QEC 101

Lab 5- $T$ gates and Magic State Distillation

Fault tolerant quantum computing (FTQC) requires a universal gate set from which any quantum algorithm can be implemented. The T-gate is a challenging gate to implement fault tolerantly, yet holds the key to unlocking the power of quantum computing.

A common procedure for producing T-gates is called magic state distillation (MSD), and will likely consume the lion's share of the resources necessary to realize FTQC. Much quantum research is currently directed at finding ways to efficiently implement MSD.
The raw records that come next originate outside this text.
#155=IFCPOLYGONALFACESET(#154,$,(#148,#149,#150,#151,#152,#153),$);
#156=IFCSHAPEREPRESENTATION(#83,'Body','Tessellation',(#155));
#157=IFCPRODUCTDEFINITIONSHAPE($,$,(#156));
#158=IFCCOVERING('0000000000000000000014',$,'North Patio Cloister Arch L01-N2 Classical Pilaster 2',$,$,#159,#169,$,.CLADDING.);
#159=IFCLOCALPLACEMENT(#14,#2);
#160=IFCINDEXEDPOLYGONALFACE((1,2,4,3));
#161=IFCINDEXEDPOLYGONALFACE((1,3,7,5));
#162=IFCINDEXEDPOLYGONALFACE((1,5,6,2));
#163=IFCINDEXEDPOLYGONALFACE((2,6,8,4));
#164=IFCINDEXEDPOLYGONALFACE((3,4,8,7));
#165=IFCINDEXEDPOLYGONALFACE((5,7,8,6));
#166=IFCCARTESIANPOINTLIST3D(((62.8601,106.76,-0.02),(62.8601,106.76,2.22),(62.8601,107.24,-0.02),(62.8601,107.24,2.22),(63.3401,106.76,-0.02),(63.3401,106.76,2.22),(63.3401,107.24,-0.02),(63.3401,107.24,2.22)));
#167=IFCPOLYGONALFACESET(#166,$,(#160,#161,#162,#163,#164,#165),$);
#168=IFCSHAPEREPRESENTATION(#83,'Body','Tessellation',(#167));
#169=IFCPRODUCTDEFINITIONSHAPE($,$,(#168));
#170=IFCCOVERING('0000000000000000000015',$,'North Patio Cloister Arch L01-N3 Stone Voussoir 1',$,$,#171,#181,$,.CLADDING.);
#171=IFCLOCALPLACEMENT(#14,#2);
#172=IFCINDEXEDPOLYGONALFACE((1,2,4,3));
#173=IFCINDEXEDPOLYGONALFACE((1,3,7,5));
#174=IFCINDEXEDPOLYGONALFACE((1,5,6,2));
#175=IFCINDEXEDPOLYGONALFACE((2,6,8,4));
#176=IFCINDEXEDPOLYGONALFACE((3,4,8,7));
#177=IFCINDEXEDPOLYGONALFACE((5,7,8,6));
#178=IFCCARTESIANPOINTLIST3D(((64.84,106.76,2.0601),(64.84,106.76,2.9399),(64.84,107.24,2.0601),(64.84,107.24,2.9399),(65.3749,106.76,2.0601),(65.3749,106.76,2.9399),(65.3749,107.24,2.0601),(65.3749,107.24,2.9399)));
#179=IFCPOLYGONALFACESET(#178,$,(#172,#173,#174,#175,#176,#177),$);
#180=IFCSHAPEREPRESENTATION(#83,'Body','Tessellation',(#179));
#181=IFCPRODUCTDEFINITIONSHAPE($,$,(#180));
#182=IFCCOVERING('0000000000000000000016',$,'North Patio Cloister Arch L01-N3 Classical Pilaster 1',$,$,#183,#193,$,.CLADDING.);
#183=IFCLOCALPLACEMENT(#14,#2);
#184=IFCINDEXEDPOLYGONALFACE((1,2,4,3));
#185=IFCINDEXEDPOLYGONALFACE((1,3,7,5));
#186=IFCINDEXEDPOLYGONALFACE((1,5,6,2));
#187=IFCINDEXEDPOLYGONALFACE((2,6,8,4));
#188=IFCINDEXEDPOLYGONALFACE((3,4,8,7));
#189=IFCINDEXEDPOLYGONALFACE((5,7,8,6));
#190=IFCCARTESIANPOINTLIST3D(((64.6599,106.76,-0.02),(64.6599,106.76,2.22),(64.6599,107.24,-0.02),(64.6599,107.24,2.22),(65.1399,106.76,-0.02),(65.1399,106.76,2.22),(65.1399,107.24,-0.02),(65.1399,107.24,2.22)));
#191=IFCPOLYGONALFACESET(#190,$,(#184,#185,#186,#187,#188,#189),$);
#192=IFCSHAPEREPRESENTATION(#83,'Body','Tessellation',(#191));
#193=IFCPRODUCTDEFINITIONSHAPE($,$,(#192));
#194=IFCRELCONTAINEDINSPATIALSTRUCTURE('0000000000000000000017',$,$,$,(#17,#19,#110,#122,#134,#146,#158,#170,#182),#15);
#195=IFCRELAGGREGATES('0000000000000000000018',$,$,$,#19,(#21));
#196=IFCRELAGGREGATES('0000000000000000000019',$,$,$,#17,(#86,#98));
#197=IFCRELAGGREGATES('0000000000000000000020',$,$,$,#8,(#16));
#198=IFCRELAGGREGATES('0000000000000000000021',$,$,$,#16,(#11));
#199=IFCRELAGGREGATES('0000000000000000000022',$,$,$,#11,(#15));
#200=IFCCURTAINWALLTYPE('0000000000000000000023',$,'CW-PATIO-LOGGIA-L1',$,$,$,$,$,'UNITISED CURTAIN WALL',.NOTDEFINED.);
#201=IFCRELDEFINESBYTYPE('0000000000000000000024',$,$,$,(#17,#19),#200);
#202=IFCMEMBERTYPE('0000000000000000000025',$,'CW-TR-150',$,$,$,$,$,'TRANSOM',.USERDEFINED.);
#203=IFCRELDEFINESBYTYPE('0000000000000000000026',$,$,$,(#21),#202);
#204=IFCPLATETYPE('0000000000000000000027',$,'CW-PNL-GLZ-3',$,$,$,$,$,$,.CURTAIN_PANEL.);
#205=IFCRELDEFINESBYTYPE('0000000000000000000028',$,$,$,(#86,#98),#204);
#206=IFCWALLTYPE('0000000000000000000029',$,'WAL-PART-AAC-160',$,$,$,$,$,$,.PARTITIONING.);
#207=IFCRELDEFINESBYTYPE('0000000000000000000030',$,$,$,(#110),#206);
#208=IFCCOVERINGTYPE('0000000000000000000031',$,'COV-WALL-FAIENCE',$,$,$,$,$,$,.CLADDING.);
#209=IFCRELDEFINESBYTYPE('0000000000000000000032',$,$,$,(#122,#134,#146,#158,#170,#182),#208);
In a recent paper titled Experimental Demonstration of the Logical Magic State Distillation, researchers from QuEra, MIT, and Harvard showcased MSD on QuEra's neutral atom quantum processor.

Prerequisites:

If you have completed the previous labs in this series (1-4), you should have a good foundation for the basics of QEC and the fundamentals of stabilizer codes, and have already coded up the Steane code which is used in the QuEra MSD implementation.

This lab will introduce the importance of T-gates, how MSD works, and allow you to implement a version of it yourself.
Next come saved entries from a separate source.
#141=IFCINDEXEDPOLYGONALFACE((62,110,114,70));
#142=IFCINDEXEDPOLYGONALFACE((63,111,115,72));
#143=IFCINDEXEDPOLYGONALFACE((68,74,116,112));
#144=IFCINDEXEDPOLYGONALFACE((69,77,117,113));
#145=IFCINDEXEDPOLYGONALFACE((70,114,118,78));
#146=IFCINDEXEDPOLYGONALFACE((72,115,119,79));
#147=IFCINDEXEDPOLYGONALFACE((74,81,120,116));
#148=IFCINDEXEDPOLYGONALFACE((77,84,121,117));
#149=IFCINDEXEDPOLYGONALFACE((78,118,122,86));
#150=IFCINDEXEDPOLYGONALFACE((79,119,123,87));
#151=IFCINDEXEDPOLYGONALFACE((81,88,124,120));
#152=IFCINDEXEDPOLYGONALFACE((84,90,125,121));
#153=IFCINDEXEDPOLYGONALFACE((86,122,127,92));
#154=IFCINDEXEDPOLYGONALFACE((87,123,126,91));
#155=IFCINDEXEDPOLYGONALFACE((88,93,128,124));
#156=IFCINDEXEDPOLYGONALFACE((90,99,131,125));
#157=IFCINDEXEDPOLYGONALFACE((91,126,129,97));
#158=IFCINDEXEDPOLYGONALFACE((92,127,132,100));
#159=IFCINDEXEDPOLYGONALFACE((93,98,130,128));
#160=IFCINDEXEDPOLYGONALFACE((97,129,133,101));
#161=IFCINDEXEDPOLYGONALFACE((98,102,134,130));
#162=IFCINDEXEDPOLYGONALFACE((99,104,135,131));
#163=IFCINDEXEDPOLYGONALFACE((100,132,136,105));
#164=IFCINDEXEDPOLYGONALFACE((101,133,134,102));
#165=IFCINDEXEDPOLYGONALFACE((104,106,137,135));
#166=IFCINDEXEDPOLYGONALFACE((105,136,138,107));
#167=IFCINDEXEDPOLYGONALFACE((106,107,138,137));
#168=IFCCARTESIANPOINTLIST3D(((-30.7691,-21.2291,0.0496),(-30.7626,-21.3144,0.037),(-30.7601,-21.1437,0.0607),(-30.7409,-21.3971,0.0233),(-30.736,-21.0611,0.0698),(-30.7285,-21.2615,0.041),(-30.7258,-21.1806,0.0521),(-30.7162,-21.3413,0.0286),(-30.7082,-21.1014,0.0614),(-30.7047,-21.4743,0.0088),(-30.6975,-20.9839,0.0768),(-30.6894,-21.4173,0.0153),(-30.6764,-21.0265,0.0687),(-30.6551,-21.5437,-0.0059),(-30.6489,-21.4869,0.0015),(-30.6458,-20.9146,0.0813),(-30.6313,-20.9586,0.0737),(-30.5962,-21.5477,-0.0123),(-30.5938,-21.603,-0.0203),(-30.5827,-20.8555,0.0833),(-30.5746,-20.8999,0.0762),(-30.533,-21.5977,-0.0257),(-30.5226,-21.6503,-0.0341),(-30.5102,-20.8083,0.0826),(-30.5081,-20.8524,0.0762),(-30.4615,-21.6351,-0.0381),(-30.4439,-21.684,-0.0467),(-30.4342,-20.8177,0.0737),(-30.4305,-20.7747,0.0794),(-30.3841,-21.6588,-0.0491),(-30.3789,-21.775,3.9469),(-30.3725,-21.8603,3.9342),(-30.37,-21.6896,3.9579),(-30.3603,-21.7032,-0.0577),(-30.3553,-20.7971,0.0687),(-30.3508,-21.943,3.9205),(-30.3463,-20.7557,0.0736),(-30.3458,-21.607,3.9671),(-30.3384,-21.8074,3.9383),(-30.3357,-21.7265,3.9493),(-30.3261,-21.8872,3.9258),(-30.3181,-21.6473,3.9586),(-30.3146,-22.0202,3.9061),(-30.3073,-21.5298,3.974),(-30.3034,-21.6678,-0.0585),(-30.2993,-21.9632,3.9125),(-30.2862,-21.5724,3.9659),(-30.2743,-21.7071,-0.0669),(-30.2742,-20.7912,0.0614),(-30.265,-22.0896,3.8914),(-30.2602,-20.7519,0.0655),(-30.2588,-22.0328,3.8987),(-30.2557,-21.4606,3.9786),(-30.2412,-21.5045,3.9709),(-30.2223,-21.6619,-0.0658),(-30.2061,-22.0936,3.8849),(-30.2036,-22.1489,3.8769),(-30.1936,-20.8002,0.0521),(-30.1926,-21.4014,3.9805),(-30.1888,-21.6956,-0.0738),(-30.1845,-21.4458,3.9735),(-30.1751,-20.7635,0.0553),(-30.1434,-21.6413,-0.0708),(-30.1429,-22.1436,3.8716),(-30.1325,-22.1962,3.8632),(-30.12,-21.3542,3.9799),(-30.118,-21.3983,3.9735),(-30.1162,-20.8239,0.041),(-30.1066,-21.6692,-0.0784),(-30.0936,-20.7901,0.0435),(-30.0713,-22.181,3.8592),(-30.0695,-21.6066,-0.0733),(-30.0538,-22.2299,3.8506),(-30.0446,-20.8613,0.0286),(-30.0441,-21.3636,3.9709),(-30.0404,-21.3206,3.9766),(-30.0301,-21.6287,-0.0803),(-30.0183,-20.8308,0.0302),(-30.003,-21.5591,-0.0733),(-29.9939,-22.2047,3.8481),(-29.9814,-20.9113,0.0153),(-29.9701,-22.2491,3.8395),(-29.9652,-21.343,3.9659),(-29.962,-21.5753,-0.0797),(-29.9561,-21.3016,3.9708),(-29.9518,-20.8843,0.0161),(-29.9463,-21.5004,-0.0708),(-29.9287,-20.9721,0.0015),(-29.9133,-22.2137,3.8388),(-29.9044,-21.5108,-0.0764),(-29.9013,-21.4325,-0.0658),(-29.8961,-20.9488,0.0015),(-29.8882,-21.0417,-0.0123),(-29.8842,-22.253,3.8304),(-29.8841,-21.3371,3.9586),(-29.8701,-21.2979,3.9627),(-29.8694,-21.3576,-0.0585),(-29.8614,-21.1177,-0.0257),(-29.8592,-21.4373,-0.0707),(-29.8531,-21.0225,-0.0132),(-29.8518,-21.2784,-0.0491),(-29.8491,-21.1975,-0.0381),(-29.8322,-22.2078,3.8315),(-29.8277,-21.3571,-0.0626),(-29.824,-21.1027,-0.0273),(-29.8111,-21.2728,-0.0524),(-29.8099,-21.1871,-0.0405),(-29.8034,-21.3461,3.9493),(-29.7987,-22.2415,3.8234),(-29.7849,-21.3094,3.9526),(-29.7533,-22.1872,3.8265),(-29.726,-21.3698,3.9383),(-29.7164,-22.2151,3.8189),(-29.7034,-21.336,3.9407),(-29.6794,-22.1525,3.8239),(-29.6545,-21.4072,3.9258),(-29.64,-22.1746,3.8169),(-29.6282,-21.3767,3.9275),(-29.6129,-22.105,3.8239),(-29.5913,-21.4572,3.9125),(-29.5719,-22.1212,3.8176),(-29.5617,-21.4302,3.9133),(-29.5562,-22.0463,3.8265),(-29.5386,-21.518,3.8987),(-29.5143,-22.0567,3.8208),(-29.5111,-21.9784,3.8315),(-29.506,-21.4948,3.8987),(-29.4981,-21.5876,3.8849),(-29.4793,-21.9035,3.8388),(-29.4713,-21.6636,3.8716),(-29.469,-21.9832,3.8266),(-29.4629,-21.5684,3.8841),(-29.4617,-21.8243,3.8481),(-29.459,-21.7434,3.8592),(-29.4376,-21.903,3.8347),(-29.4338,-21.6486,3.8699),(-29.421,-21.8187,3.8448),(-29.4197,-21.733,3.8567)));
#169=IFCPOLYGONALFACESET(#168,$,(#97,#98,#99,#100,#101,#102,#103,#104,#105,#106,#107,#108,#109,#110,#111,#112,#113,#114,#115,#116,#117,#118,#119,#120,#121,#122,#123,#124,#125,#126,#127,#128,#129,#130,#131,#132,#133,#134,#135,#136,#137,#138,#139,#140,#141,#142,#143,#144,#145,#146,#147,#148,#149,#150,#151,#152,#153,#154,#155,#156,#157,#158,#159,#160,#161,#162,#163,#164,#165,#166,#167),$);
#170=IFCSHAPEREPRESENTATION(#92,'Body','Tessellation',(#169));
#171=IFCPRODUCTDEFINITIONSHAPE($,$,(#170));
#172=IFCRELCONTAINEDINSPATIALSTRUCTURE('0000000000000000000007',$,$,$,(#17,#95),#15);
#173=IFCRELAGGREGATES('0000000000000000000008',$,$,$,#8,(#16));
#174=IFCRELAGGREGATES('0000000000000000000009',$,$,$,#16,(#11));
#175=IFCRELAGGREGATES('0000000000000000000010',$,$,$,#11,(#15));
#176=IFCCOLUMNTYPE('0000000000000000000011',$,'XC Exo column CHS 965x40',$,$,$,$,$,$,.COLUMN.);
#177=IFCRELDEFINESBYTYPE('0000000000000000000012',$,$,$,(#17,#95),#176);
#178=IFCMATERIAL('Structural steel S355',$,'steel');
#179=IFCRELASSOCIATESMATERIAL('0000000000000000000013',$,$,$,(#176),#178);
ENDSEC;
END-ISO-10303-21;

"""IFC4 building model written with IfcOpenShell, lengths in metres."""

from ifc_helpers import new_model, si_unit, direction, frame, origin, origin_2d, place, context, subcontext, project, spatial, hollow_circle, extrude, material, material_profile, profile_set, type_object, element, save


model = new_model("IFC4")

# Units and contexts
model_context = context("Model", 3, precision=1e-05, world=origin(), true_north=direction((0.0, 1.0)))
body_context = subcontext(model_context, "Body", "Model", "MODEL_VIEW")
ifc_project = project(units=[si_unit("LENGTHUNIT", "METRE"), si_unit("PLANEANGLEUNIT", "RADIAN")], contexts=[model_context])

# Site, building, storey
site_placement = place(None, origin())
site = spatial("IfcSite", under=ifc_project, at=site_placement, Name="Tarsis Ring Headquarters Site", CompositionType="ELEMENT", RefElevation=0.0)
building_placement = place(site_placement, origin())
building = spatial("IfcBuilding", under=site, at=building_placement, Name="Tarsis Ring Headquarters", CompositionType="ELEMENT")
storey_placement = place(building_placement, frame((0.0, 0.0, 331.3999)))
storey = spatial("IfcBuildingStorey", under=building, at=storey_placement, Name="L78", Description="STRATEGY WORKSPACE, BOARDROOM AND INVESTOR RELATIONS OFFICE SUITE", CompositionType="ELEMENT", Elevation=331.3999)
The list below outlines what you'll be doing in each section of this lab:

• 5.1 Learn about the Clifford + $T$ gate set.

• 5.2 Learn how fault tolerant $T$ gates are applied.
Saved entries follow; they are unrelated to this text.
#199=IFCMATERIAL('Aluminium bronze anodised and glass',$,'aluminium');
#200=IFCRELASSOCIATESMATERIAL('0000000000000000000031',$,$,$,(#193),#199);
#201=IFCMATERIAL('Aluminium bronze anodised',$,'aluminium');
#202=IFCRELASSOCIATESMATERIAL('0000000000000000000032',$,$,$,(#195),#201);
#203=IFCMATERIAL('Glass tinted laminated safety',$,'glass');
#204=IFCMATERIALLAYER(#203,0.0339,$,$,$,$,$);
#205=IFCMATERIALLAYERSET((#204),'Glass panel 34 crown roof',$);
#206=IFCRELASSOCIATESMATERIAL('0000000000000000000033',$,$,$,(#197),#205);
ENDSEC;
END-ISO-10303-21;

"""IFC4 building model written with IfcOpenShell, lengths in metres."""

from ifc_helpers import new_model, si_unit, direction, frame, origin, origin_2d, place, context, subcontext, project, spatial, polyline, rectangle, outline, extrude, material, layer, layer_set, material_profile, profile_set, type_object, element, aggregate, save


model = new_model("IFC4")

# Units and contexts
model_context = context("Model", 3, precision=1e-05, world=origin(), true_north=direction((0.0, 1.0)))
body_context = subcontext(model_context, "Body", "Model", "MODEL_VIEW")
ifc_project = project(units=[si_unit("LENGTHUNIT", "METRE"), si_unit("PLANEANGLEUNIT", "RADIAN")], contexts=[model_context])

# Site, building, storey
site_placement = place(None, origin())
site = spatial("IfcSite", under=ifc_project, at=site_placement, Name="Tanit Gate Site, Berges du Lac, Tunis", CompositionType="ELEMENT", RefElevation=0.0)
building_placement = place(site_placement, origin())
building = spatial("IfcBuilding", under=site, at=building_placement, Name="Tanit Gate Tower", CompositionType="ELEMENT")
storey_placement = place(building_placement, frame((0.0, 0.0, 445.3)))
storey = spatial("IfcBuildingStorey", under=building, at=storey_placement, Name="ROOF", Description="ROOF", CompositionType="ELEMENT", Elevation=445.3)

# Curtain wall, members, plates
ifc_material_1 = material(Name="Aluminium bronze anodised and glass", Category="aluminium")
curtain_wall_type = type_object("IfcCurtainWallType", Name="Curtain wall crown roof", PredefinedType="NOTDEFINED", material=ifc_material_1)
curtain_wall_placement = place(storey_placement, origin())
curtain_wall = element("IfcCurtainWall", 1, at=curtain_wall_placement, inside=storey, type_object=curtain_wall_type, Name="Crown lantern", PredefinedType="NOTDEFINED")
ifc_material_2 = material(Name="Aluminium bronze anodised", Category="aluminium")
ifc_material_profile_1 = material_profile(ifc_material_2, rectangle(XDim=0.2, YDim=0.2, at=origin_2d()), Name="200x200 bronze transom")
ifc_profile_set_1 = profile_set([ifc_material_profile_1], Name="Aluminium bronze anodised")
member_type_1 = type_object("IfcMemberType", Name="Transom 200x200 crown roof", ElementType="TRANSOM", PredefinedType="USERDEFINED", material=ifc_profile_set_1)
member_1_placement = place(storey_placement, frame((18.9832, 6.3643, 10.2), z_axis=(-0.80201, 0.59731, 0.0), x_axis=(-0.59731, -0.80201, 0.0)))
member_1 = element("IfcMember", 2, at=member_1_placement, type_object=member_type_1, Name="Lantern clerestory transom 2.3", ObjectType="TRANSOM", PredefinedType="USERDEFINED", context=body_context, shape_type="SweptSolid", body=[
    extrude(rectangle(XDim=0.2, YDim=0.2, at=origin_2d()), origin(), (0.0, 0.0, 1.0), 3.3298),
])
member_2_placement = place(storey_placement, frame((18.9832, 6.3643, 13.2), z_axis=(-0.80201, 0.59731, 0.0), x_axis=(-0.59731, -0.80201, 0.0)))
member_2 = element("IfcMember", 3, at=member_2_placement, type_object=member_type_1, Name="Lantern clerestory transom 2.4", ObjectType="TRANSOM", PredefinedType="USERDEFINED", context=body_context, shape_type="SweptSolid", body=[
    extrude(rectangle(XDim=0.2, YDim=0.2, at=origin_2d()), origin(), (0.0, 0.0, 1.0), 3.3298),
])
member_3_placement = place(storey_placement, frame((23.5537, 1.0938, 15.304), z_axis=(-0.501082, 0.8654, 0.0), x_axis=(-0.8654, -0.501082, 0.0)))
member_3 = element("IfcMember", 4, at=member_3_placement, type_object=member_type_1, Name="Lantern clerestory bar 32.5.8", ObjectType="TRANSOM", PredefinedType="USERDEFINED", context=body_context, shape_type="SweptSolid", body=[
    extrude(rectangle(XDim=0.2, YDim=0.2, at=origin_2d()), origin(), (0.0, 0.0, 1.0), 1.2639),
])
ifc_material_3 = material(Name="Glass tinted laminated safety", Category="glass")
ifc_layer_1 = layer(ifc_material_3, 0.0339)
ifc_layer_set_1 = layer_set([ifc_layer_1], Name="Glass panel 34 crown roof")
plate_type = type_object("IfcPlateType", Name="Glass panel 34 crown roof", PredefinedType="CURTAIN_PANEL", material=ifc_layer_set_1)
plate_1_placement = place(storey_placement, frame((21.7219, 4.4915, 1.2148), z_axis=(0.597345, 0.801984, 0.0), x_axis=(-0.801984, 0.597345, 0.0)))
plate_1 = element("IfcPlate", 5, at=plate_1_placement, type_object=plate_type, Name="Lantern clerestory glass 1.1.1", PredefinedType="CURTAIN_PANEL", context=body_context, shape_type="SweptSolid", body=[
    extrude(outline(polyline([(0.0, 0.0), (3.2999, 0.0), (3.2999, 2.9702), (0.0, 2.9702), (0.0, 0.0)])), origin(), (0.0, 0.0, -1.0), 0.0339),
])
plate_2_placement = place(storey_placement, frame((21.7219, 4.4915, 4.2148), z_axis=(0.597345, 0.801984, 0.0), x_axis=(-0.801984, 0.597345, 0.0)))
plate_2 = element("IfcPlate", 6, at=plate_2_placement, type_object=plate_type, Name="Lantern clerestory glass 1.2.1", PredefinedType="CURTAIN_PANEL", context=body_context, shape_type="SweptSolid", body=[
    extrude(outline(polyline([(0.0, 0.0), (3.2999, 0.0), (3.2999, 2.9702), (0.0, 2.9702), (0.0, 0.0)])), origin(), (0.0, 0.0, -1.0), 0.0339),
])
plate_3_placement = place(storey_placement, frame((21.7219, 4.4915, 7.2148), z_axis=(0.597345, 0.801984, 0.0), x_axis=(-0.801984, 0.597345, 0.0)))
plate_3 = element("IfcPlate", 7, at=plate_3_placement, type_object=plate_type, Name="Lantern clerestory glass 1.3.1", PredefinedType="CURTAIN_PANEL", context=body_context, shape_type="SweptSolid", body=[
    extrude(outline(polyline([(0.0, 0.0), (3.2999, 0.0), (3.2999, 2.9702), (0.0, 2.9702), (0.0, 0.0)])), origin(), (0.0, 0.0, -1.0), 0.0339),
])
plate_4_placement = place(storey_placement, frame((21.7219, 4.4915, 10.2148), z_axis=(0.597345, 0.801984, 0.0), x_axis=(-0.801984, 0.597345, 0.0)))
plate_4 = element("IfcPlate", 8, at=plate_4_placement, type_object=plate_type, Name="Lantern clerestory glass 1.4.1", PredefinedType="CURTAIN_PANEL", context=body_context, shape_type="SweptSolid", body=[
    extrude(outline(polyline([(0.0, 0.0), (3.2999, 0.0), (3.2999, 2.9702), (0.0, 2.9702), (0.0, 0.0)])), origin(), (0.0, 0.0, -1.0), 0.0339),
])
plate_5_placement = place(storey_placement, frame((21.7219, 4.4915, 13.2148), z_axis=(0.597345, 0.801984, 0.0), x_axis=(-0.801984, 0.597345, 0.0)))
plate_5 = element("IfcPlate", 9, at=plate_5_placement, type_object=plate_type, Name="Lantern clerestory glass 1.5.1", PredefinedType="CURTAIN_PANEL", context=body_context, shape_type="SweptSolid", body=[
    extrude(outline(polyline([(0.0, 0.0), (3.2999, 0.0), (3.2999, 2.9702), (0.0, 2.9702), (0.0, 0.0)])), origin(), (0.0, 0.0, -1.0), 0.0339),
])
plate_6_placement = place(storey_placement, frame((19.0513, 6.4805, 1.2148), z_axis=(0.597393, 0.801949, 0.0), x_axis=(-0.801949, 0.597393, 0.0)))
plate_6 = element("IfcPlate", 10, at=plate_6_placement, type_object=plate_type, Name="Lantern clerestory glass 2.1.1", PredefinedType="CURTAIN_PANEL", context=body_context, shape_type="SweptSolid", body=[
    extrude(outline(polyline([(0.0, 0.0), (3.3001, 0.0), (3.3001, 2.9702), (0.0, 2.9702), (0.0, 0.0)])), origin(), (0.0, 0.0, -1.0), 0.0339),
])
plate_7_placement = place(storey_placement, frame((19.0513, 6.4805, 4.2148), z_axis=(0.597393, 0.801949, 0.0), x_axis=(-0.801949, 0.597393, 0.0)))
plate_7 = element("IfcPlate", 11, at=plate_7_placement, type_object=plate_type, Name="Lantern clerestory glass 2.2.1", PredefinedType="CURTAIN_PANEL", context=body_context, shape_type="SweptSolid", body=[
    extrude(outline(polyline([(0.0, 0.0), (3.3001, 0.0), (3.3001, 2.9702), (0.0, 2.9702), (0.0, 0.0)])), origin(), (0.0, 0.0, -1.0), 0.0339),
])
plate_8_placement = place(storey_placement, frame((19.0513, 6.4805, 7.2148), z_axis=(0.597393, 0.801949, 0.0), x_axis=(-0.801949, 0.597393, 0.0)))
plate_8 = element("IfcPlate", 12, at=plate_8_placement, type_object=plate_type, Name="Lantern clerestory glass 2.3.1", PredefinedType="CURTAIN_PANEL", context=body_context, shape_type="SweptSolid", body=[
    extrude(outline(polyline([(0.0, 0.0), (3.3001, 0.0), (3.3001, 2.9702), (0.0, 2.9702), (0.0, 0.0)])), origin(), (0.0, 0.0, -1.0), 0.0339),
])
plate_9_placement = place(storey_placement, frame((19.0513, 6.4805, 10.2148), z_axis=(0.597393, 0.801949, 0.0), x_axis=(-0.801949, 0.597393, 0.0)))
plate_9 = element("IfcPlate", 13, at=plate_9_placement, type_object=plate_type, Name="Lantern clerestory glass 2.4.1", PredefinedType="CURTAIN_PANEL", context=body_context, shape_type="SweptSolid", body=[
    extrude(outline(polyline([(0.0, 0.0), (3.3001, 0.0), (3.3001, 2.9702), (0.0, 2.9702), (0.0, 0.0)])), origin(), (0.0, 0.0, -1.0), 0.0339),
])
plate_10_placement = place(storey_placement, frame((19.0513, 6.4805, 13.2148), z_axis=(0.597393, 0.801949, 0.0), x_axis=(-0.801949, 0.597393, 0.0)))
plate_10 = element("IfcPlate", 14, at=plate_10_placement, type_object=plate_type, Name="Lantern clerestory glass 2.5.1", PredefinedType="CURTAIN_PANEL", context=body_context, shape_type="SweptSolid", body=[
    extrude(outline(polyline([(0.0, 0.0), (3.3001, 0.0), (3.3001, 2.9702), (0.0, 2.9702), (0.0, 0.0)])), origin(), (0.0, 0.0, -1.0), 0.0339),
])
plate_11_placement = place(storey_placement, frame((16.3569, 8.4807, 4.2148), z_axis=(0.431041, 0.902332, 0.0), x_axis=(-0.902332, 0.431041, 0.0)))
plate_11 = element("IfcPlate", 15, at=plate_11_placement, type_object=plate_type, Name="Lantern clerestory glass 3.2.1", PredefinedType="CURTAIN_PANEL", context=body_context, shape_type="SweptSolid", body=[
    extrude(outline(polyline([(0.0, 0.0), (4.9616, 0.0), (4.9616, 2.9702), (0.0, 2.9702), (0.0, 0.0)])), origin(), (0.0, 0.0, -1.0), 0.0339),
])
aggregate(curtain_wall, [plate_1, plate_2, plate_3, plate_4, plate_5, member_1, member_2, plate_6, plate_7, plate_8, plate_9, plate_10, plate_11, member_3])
• 5.3 Learn how magic state distillation works.

• 5.4 Learn how QuEra performed MSD in their recent experimental paper.

• 5.5 Write a CUDA-Q code to perform MSD distillation.

Terminology and notation you'll use:

• universal gate set, T-gates, transversal gates

• Eastin-Knill Theorem

• magic state, magic state distillation, [[5,1,3]] code.

• color code

To get started, run the cell below to install the prerequisite libraries and then restart the kernel.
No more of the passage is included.